[2021][ICCV][FSNet] Full-Duplex Strategy for Video Object Segmentation

Overview

Full-Duplex Strategy for Video Object Segmentation (ICCV, 2021)

Authors: Ge-Peng Ji, Keren Fu, Zhe Wu, Deng-Ping Fan*, Jianbing Shen, & Ling Shao

  • This repository provides code for paper "Full-Duplex Strategy for Video Object Segmentation" accepted by the ICCV-2021 conference (arXiv Version / 中译版本).

  • This project is under construction. If you have any questions about our paper or bugs in our git project, feel free to contact me.

  • If you like our FSNet for your personal research, please cite this paper (BibTeX).

1. News

  • [2021/08/24] Upload the training script for video object segmentation.
  • [2021/08/22] Upload the pre-trained snapshot and the pre-computed results on U-VOS and V-SOD tasks.
  • [2021/08/20] Release inference code, evaluation code (VSOD).
  • [2021/07/20] Create Github page.

2. Introduction

Why?

Appearance and motion are two important sources of information in video object segmentation (VOS). Previous methods mainly focus on using simplex solutions, lowering the upper bound of feature collaboration among and across these two cues.

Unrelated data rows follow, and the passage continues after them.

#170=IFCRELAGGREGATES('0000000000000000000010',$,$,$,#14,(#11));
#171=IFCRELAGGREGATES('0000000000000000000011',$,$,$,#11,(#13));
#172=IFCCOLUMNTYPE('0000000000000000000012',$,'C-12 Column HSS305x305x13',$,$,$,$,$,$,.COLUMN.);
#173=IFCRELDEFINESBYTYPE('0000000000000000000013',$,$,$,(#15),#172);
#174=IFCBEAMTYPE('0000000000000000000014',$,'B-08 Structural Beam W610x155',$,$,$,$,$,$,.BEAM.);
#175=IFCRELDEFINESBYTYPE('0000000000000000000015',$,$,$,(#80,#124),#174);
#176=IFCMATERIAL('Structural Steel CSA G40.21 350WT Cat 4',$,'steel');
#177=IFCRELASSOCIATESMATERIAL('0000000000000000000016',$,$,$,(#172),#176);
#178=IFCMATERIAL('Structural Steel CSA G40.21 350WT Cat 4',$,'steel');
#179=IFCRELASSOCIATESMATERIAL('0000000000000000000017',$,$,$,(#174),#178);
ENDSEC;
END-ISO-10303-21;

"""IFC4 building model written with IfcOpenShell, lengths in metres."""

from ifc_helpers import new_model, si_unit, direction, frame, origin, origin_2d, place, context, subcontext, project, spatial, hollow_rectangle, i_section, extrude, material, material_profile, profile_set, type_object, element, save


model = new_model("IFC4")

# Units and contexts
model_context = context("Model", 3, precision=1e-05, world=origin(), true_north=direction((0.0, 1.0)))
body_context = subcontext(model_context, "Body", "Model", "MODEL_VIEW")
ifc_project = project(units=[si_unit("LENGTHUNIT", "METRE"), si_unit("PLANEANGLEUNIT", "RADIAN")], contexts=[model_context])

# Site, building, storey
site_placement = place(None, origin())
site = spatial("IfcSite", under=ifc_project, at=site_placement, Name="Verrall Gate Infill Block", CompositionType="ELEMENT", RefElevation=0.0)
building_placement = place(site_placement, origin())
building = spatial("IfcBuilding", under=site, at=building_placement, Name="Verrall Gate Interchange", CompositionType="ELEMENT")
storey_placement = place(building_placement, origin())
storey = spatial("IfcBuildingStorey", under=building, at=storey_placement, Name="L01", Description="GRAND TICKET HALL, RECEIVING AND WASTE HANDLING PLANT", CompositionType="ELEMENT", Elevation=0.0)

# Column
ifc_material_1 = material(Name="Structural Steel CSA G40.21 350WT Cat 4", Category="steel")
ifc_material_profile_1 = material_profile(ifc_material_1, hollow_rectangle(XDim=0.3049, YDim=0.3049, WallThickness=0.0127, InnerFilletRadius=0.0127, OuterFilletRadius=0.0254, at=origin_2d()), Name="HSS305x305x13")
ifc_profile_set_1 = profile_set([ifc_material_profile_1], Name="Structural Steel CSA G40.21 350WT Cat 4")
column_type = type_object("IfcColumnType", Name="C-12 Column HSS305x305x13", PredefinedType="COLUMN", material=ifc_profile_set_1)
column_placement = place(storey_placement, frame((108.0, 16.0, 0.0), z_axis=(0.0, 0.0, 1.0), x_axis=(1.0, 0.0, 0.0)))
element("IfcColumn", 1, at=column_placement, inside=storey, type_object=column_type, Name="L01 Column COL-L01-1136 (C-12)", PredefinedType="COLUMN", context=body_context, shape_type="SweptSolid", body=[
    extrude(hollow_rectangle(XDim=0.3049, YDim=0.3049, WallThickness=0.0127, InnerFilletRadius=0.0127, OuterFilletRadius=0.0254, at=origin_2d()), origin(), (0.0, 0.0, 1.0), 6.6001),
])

Figure 1: Visual comparison between the simplex (i.e., (a) appearance-refined motion and (b) motion-refined appear- ance) and our full-duplex strategy. In contrast, our FS- Net offers a collaborative way to leverage the appearance and motion cues under the mutual restraint of full-duplex strategy, thus providing more accurate structure details and alleviating the short-term feature drifting issue.

What?

In this paper, we study a novel framework, termed the FSNet (Full-duplex Strategy Network), which designs a relational cross-attention module (RCAM) to achieve bidirectional message propagation across embedding subspaces. Furthermore, the bidirectional purification module (BPM) is introduced to update the inconsistent features between the spatial-temporal embeddings, effectively improving the model's robustness.

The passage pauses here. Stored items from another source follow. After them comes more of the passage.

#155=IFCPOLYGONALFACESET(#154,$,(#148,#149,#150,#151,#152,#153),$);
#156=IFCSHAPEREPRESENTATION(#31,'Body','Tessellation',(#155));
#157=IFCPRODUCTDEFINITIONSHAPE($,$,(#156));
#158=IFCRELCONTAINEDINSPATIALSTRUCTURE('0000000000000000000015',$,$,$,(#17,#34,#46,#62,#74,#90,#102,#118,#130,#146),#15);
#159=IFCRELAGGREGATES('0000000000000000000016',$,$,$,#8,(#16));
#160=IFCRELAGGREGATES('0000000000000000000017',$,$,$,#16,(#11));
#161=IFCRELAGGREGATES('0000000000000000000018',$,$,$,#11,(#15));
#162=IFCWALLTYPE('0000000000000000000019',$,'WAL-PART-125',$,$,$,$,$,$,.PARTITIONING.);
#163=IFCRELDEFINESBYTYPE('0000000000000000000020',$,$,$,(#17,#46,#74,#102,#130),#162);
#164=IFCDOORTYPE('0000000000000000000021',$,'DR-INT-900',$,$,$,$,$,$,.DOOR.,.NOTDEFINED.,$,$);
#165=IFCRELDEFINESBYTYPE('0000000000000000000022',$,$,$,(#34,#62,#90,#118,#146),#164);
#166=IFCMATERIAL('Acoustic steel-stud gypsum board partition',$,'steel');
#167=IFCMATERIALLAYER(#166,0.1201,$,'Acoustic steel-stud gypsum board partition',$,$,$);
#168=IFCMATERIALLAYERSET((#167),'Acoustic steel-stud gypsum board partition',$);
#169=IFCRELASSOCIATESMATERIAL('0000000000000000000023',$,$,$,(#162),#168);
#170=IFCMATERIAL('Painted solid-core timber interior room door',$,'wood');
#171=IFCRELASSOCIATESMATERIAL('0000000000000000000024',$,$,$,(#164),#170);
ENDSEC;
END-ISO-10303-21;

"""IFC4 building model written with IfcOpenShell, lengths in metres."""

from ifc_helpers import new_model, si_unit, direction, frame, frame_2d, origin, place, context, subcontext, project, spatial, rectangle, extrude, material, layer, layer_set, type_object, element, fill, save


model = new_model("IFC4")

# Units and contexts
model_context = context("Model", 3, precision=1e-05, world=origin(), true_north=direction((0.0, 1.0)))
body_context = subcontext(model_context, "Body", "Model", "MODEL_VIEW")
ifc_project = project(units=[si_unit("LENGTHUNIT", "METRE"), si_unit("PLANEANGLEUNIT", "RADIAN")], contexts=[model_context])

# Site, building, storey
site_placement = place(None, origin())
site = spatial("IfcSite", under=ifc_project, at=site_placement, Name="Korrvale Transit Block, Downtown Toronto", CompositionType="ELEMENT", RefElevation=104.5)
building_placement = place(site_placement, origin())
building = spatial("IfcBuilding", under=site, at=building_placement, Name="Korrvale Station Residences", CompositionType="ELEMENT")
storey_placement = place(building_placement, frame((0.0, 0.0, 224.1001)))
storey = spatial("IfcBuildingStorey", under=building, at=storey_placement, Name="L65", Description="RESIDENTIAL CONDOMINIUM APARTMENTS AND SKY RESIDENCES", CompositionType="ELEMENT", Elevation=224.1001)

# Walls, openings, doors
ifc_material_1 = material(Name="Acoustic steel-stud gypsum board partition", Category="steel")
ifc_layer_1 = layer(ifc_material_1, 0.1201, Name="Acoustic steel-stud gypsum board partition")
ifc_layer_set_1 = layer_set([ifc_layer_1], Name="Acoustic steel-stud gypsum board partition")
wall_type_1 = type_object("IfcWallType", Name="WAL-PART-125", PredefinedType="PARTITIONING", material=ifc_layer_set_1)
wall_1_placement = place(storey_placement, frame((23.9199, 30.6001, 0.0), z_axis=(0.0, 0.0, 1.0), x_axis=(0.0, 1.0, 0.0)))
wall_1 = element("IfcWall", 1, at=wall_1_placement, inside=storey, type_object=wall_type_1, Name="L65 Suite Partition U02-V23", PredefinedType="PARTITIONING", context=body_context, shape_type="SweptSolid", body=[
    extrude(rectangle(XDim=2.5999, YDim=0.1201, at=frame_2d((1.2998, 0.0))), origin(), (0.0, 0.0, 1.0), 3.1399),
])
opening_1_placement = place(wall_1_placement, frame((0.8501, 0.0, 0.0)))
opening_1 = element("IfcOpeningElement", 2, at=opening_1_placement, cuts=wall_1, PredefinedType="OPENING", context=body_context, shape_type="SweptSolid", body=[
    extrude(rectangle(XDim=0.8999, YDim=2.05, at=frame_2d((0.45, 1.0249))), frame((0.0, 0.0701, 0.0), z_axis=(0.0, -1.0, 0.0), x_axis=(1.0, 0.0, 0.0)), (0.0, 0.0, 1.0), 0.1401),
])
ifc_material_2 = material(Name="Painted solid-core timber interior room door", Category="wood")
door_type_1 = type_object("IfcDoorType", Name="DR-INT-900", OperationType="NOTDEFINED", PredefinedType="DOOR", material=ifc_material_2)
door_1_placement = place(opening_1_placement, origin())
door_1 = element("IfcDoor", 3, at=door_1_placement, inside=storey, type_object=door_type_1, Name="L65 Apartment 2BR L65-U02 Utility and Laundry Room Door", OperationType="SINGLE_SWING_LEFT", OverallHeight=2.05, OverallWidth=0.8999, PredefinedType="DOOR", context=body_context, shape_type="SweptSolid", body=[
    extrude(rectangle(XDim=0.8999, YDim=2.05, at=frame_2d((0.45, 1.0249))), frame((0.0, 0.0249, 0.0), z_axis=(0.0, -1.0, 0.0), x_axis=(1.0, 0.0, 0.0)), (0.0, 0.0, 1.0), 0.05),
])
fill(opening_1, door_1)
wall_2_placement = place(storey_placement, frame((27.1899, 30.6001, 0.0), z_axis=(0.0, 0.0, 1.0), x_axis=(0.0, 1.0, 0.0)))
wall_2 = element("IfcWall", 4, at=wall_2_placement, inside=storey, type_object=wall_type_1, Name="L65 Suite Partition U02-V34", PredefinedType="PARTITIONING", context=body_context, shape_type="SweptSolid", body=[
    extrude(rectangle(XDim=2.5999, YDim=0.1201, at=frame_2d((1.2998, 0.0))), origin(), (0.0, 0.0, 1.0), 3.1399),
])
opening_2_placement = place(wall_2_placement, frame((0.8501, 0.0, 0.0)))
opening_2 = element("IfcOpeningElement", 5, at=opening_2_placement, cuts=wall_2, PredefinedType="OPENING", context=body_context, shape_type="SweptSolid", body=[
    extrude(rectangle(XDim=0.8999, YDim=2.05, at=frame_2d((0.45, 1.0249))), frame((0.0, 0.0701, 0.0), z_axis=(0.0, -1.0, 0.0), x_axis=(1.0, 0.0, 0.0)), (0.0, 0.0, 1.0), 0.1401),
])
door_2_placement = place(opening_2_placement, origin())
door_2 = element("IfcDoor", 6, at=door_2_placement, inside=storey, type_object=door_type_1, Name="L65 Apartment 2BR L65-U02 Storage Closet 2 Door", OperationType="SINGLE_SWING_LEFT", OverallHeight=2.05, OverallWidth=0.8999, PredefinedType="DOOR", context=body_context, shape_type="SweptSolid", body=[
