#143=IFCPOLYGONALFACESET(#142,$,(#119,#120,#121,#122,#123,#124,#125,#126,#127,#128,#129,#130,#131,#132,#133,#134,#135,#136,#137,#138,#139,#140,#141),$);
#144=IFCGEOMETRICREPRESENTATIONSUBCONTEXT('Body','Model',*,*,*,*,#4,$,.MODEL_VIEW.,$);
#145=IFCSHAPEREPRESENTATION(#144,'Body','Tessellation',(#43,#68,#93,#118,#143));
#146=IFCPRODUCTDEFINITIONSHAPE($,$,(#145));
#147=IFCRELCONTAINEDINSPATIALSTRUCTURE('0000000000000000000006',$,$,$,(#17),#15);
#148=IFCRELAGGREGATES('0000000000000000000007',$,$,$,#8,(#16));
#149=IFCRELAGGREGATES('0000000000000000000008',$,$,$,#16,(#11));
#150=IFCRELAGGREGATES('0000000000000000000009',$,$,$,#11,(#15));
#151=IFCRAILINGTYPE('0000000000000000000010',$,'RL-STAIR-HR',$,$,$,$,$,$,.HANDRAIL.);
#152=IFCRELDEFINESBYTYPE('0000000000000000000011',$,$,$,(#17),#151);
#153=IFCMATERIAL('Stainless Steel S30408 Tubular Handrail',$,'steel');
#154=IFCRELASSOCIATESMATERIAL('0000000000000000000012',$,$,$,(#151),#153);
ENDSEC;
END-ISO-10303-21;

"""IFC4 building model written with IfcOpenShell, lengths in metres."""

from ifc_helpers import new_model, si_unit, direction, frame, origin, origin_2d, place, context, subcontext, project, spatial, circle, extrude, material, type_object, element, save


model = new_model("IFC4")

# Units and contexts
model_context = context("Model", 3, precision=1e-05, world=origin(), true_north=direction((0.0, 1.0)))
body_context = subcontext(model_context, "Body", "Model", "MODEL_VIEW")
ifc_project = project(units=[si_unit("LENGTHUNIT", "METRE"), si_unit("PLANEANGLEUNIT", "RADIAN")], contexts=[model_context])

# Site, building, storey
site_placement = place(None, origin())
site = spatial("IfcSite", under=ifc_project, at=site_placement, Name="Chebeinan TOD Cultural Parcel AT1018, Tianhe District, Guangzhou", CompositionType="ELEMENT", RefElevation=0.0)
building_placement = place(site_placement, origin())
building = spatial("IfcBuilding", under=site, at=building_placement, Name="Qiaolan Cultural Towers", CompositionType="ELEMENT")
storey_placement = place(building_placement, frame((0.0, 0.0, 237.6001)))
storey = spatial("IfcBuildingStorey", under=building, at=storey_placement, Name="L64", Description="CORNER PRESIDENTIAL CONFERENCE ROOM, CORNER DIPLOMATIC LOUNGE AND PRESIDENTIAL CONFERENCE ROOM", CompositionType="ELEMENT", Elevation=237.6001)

Figure 2: The pipeline of our FSNet. The Relational Cross-Attention Module (RCAM) abstracts more discriminative representations between the motion and appearance cues using the full-duplex strategy. Then four Bidirectional Purification Modules (BPM) are stacked to further re-calibrate inconsistencies between the motion and appearance features. Finally, we utilize the decoder to generate our prediction.

How?

By considering the mutual restraint within the full-duplex strategy, our FSNet performs the cross-modal feature-passing (i.e., transmission and receiving) simultaneously before the fusion and decoding stage, making it robust to various challenging scenarios (e.g., motion blur, occlusion) in VOS. Extensive experiments on five popular benchmarks (i.e., DAVIS16, FBMS, MCL, SegTrack-V2, and DAVSOD19) show that our FSNet outperforms other state-of-the-arts for both the VOS and video salient object detection tasks.


Figure 3: Qualitative results on five datasets, including DAVIS16, MCL, FBMS, SegTrack-V2, and DAVSOD19.

3. Usage

How to Inference?

  • Download the test dataset from Baidu Driver (PSW: aaw8) or Google Driver and save it at ./dataset/*.

  • Install necessary libraries: PyTorch 1.1+, scipy 1.2.2, PIL

  • Download the pre-trained weights from Baidu Driver (psw: 36lm) or Google Driver. Saving the pre-trained weights at ./snapshot/FSNet/2021-ICCV-FSNet-20epoch-new.pth

  • Just run python inference.py to generate the segmentation results.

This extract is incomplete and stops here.